EASL European Congress March 30 – April 3, 2011, Berlin, Germany: VCTE(TM) Developed by Echosens, the Leading Technique for Evaluation of Liver Disease

EASL European Congress March 30 – April 3, 2011, Berlin, Germany: VCTE(TM) Developed by Echosens, the Leading Technique for Evaluation of Liver Disease

April 22nd, 2011 // 2:26 pm @

EASL European Congress March 30 – April 3, 2011, Berlin, Germany: VCTE(TM) Developed by Echosens, the Leading Technique for Evaluation of Liver Disease

PARIS, April 22, 2011 /PRNewswire/ — On the occasion of the 46th Congress of the European Association for the Study of the Liver, the VCTE(TM) (Vibration Controlled Transient Elastography) from Echosens stood out as a leading technique in the field. It is the only technique able to measure elasticity at a predetermined, controlled frequency (50 Hz), which is essential because elasticity increases as frequency increases.
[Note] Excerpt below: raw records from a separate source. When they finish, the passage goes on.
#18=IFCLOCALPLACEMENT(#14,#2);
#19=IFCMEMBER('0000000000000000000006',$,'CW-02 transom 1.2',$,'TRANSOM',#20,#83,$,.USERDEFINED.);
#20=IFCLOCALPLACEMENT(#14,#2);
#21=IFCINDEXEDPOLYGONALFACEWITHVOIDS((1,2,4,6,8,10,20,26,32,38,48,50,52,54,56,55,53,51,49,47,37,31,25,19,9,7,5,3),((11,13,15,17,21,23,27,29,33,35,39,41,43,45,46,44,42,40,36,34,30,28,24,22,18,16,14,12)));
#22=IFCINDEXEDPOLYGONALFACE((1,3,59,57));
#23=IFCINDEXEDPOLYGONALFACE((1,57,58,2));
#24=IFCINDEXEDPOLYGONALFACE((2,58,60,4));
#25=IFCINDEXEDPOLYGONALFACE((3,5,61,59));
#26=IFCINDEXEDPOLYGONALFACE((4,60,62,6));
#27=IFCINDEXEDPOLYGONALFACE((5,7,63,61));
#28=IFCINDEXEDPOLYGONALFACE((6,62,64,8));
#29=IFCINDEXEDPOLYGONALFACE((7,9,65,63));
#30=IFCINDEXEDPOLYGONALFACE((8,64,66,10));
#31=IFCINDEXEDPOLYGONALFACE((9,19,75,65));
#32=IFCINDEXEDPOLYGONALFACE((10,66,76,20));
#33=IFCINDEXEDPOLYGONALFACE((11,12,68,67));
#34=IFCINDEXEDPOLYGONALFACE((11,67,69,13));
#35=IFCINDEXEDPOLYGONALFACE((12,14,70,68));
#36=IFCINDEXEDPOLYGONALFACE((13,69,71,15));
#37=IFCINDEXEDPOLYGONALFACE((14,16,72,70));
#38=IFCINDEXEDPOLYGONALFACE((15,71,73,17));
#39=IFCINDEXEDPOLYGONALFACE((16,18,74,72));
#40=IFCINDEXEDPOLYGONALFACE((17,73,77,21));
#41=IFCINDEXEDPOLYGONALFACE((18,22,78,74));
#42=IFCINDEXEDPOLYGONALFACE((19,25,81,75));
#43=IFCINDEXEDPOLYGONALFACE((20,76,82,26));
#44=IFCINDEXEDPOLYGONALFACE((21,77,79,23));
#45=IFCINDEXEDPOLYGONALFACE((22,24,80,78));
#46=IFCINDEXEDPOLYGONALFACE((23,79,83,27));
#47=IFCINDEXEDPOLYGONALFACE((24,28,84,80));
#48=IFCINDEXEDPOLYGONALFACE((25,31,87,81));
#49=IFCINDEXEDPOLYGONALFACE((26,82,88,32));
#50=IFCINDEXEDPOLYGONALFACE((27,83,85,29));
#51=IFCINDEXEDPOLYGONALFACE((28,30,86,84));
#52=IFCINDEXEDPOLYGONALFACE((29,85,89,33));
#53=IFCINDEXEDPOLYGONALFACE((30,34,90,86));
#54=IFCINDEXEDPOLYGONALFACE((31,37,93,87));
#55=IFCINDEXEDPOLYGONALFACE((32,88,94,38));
Today, liver elasticity is recognized as an indicator of liver problems due to its link to fibrosis and cirrhosis, as well as other factors such as portal hypertension, inflammation, congestion, and cholestasia, which arise from chronic liver disease.

FibroScan(R)502 Touch:

The FibroScan(R)502, which allows non-invasive, quantitative measurement of liver fibrosis, has undergone development and is now available in a “Touchscreen” version.

– New touchscreen interface is more ergonomic and user-friendly,
– Faster examinations, with one-third the acquisition time,
– Better patient file management,
– Complete personalized examination reports,
– Recommendations for which probe to use (M or XL)
Desk Solution:

The new reporting software and exam management is easy to use. You can export FibroScan(R) data, manage data for each patient, guarantee better visualization of the examination results, and re-read elastograms on the physician’s computer.
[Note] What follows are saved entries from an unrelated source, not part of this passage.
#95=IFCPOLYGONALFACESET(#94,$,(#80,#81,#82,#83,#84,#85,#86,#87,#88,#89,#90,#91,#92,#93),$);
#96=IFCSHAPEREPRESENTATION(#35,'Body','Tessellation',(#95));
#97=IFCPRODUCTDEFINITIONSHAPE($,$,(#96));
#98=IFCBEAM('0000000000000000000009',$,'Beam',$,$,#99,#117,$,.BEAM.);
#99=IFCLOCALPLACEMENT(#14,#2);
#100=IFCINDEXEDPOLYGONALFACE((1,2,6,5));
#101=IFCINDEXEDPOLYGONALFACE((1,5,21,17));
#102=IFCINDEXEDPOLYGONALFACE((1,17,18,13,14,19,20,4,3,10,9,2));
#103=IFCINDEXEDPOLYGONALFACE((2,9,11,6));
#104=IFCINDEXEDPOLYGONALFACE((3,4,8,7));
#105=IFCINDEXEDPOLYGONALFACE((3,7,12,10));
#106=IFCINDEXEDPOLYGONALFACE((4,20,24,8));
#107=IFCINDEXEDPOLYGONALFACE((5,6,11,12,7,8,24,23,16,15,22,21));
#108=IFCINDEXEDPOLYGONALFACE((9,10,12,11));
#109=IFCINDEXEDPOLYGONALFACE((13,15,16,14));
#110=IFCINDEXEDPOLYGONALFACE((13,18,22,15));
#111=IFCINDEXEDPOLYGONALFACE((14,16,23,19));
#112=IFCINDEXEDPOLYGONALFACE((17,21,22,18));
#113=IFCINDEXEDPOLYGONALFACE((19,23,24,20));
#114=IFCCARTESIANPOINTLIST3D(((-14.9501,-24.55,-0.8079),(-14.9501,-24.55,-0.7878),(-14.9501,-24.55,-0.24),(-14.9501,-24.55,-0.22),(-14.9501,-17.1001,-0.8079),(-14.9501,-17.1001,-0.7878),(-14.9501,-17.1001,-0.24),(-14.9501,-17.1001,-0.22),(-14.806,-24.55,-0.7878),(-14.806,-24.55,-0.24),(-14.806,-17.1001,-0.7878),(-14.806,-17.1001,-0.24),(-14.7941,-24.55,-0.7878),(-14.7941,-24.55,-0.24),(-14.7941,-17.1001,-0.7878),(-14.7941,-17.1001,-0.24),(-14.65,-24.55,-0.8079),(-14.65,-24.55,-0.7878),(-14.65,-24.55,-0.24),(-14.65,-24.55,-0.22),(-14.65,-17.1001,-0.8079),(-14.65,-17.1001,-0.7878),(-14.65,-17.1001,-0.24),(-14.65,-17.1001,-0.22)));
CAP(TM) (Controlled Attenuation Parameter)

Adapted for the FibroScan(R), this innovation precisely quantifies the steatosis. Incidences of metabolic diseases (type 2 diabetes, obesity) are rapidly increasing across the globe. They cause complications including non-alcoholic steatohepatitis. Steatosis can also be alcohol induced.
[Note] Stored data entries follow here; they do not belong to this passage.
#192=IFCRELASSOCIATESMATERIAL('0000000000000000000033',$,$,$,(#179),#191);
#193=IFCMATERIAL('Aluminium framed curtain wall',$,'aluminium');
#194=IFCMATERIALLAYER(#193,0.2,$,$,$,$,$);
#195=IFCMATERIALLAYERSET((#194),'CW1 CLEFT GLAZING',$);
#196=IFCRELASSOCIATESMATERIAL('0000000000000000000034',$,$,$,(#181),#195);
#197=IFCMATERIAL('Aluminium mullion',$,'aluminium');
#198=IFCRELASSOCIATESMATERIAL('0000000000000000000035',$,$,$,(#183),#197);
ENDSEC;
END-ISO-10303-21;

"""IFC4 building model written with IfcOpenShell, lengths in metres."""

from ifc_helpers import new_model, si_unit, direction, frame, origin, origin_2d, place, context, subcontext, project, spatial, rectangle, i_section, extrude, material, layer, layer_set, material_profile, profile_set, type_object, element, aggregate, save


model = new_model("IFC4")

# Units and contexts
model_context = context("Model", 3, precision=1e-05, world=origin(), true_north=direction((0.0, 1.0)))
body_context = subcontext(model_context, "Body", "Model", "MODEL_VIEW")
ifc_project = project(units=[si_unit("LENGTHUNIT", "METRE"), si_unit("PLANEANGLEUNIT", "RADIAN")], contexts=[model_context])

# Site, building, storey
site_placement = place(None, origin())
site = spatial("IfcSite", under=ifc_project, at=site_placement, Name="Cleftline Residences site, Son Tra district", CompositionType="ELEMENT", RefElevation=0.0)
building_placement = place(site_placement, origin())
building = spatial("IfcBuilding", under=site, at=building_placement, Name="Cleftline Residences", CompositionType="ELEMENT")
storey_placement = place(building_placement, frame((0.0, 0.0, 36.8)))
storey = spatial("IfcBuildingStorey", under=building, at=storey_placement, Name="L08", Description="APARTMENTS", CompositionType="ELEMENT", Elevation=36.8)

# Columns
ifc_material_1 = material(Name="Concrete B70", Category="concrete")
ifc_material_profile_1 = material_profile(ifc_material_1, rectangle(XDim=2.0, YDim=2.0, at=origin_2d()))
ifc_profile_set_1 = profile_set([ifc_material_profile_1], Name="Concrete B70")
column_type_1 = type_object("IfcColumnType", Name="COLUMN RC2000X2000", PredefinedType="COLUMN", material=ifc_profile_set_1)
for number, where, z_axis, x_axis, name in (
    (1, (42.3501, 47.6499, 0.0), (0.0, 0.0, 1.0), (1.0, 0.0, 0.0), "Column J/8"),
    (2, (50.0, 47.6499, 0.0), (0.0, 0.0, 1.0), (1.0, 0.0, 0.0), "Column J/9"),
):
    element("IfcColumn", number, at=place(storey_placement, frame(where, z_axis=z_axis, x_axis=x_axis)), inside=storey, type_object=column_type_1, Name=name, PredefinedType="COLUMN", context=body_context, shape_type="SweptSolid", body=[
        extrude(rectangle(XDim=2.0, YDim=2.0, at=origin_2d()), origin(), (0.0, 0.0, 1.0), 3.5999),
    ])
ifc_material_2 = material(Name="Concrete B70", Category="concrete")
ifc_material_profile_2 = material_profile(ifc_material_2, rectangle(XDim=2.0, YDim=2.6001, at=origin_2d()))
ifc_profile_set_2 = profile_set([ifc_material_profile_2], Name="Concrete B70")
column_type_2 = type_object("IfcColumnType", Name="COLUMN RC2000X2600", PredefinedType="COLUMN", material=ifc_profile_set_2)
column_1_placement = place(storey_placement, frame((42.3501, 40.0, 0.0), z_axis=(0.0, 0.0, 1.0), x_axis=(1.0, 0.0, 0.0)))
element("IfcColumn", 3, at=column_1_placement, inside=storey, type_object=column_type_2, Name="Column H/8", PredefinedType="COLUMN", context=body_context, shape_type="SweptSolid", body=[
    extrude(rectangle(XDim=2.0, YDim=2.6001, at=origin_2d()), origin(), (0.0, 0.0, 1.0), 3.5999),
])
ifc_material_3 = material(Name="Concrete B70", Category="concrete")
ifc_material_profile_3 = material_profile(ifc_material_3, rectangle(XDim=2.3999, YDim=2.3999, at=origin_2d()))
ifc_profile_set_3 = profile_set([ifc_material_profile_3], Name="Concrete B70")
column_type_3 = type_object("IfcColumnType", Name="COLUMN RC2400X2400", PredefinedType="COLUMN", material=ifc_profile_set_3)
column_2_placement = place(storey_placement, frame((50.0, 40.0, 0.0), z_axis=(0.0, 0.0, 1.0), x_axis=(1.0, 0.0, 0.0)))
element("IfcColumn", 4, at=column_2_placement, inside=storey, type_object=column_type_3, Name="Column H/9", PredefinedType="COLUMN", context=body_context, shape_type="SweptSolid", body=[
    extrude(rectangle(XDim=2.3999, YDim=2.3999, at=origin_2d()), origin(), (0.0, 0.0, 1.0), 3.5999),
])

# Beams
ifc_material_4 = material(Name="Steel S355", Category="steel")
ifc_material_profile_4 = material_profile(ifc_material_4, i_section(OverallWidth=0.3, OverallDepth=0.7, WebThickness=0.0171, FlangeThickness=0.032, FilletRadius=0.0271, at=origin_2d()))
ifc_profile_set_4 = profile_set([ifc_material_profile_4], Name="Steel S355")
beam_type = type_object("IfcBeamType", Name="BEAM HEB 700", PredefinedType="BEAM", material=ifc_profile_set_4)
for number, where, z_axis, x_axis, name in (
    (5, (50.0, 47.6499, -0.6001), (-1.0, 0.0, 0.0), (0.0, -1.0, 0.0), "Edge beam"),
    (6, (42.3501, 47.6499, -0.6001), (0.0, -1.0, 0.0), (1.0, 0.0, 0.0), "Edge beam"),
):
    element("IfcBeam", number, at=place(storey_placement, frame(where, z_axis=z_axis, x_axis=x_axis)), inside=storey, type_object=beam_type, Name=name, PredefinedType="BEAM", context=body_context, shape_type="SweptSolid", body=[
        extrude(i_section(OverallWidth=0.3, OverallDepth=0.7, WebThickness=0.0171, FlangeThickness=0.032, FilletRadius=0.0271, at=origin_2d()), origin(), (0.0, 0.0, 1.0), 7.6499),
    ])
This CAP parameter will become the standard in detection and quantification of steatosis. During this Congress, Professor Victor de Lédinghen (University Medical Center of Bordeaux) presented the results of a long-term study to validate CAP(TM), measured using the FibroScan(R). The study involved 112 patients undergoing a liver biopsy as part of management of a chronic disease (36% hepatitis C, 4% hepatitis B, 5% alcohol abuse, 25% NAFLD, 30% other). It demonstrates the superiority of CAP(TM) compared to the SteatoTest(R) or the Fatty Liver Index score (which are based on biological and clinical parameters).